Le tueur, toujours vêtu d’un ciré et armé de son crochet, n’innove pas dans la forme, mais sa présence fonctionne. Le film joue avec l’attente, avec la silhouette menaçante aperçue au loin, et avec l’ambiguïté sur l’identité réelle du meurtrier. Malheureusement, le twist final peine à convaincre. Prévisible dès les premières minutes pour les spectateurs habitués au genre, il repose sur une logique fragile et une motivation mal construite. La résolution expédie un peu trop vite ce que le film s’était appliqué à installer. Le principal moteur de ce nouvel opus reste sans doute la nostalgie. Les références au film de 1997 sont nombreuses, mais pas étouffantes. Le plaisir coupable d’assister au retour de visages familiers ou de décors iconiques agit comme un fil conducteur, parfois au détriment de la cohérence ou de la nouveauté.
Le scénario, bien que classique, parvient à tenir le rythme sans trop de longueurs. Mais lorsqu’il s’agit de franchir le pas vers quelque chose de plus audacieux, il préfère rebrousser chemin. La scène post-générique, par exemple, mise sur un effet de surprise plutôt qu’une réelle ouverture. On y découvre Karla (Brandy Norwood), rescapée du deuxième volet, découvrant les derniers événements via un journal télévisé. Le clin d’œil fonctionne, mais reste superficiel, comme une carte postale envoyée aux fans de la première heure. Impossible de ne pas noter à quel point ce film semble calibré pour un jeune public. Les personnages parlent d’amour, de sexe, de réseaux sociaux, et prennent parfois des décisions absurdes.

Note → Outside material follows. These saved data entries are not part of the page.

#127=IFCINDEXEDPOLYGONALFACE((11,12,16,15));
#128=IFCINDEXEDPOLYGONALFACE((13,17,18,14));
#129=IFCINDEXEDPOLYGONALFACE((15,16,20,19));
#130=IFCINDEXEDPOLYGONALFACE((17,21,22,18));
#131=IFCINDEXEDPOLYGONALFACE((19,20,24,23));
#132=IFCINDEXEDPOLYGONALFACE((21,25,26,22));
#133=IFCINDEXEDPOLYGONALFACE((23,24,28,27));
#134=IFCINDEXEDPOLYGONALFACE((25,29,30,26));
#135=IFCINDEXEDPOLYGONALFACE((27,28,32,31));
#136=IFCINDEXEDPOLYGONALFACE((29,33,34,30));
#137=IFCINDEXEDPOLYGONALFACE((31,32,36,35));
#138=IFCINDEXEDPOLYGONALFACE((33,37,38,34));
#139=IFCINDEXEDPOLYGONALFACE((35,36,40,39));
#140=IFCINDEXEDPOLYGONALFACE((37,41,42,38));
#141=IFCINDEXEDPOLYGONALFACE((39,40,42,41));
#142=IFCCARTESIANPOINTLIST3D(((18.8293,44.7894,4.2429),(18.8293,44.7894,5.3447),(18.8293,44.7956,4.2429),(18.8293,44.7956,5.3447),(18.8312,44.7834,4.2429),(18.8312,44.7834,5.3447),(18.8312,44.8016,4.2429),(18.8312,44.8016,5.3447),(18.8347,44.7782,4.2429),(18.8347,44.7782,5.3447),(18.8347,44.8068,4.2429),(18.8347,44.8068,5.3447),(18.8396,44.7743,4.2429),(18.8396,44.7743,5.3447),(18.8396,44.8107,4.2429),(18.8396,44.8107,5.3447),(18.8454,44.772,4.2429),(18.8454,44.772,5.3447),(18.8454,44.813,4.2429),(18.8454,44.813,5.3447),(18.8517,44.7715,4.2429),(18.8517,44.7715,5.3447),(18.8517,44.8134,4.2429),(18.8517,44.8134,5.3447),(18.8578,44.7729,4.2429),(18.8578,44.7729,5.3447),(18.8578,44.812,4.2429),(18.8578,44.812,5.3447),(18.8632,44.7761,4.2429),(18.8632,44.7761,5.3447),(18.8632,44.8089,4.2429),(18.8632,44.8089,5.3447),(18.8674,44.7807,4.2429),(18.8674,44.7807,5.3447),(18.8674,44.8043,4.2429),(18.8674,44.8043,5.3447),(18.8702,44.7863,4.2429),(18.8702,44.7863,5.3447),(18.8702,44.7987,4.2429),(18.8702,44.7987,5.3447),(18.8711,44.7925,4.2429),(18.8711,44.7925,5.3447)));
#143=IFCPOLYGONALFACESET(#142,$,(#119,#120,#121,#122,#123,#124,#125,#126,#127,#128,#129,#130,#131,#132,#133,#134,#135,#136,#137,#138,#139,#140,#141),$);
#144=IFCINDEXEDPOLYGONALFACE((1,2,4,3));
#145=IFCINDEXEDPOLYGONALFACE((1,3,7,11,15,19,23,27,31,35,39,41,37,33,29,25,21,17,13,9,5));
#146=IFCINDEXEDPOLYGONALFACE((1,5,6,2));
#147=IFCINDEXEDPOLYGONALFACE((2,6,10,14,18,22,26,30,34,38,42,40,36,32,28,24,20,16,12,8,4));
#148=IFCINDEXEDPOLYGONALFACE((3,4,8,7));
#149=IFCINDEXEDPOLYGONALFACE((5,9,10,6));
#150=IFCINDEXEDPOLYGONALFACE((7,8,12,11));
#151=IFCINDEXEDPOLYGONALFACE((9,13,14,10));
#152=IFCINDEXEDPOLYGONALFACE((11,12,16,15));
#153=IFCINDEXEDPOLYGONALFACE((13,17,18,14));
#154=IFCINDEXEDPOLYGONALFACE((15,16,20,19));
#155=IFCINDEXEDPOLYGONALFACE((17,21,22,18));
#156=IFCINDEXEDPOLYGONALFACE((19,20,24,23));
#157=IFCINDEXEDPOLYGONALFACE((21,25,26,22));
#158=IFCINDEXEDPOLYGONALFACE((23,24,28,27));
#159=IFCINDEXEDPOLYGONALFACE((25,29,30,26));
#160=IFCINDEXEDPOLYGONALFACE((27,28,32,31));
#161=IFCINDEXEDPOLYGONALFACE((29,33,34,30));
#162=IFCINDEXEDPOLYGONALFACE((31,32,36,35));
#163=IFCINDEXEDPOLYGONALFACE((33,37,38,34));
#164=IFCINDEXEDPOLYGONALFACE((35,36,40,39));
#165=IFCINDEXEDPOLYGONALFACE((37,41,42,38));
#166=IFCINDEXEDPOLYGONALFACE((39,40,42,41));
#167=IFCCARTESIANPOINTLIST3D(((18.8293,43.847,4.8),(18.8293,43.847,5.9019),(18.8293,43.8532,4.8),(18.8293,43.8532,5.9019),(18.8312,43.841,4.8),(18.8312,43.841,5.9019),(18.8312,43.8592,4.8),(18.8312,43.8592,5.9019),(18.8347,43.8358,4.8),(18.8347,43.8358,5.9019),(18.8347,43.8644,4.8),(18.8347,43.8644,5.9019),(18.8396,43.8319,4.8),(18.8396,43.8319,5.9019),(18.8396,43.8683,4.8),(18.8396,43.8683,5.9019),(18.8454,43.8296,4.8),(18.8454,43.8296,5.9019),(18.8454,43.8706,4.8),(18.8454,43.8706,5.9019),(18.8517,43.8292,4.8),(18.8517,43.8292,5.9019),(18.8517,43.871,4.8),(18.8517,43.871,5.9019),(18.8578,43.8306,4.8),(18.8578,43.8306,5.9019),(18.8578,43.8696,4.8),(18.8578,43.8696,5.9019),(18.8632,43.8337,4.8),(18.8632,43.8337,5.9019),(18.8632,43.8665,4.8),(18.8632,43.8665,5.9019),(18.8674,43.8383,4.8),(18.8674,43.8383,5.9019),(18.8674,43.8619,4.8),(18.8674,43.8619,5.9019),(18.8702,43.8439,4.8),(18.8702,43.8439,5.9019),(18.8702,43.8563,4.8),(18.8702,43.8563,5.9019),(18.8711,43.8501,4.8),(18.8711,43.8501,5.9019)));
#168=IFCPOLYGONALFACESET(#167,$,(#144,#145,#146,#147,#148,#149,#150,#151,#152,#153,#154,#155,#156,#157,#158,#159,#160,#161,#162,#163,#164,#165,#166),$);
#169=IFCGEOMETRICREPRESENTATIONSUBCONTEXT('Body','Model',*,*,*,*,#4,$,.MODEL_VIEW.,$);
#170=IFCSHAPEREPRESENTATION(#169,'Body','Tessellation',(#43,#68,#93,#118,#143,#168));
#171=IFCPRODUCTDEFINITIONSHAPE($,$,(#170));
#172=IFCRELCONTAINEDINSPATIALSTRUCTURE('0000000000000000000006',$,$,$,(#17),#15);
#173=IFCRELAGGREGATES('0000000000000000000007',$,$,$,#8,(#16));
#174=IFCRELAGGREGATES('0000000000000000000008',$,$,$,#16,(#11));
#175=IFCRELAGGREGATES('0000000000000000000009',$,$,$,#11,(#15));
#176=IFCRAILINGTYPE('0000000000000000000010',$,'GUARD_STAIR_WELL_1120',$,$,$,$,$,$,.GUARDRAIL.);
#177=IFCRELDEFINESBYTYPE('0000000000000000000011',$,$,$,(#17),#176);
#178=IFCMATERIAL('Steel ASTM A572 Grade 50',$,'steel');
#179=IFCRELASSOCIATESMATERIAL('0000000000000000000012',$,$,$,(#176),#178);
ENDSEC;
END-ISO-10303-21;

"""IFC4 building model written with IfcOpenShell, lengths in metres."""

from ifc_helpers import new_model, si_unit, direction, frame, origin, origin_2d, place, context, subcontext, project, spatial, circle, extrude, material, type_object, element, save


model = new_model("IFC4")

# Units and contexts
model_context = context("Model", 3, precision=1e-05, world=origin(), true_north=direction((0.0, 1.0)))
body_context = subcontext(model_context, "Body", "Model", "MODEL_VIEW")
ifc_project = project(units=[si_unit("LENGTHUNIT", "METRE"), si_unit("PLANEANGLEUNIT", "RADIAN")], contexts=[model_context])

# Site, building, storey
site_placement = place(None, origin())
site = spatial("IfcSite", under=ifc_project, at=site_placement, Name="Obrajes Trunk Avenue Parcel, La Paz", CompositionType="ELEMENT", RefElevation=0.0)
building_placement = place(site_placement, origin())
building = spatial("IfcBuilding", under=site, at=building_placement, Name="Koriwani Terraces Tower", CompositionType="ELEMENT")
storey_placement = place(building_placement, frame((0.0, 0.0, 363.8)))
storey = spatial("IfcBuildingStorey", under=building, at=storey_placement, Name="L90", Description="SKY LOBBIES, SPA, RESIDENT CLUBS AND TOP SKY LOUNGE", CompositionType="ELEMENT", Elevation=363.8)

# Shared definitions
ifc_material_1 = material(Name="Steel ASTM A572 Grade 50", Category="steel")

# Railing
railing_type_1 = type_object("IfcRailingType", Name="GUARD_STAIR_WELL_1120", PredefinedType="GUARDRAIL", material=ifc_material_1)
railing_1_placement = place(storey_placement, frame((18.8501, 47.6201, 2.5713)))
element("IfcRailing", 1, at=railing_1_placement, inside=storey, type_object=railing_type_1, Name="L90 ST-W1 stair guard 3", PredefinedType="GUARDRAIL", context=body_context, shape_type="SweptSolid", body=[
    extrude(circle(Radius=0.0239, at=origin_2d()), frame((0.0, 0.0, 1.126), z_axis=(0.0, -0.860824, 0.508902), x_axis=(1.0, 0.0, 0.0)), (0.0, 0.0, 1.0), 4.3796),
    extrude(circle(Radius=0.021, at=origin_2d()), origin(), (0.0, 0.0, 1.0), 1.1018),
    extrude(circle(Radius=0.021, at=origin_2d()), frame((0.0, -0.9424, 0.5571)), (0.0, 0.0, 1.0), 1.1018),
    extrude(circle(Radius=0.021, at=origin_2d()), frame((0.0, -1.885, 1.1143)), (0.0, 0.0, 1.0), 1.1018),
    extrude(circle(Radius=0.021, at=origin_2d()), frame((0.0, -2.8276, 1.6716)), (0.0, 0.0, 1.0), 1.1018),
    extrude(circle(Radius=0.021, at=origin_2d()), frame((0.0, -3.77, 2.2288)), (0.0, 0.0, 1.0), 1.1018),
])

L’écriture des dialogues trahit une volonté de séduire une nouvelle génération, au risque de perdre un peu de son identité initiale. Le film flirte avec la caricature, sans jamais vraiment l’assumer. Cela dit, cette “bêtise” scénaristique, propre aux slashers des années 90, fait presque partie du charme du genre. Le film n’est pas particulièrement violent, mais s’aventure dans des zones plus suggestives qu’effrayantes. Les meurtres sont stylisés mais peu graphiques, les émotions contenues. Cela donne un film qui cherche davantage à divertir qu’à terrifier, avec un ton presque pop, parfois même second degré.
Souviens-toi… l’été dernier (2025) ne prétend pas réinventer le genre. Ce quatrième volet joue avec les codes, s’amuse de ses références et respecte à la lettre les règles du legacyquel : nouveaux héros, anciens visages, intrigue miroir, et une bonne dose de nostalgie. Malgré une écriture inégale et un dénouement bancal, le film parvient à offrir ce qu’il promet : un divertissement estival, efficace dans sa simplicité. Ce n’est ni une grande réussite, ni un désastre. Juste un slasher de plus, bien fait mais sans éclat, qui ravira surtout les fans de la première heure — et ceux qui ont encore envie de croire que le crochet du passé peut encore frapper juste.
Note : 6/10. En bref, un crochet nostalgique dans l’ère des legacyquels. Souviens-toi… l’été dernier (2025) ne prétend pas réinventer le genre. Ce quatrième volet joue avec les codes, s’amuse de ses références et respecte à la lettre les règles du legacyquel : nouveaux héros, anciens visages, intrigue miroir, et une bonne dose de nostalgie.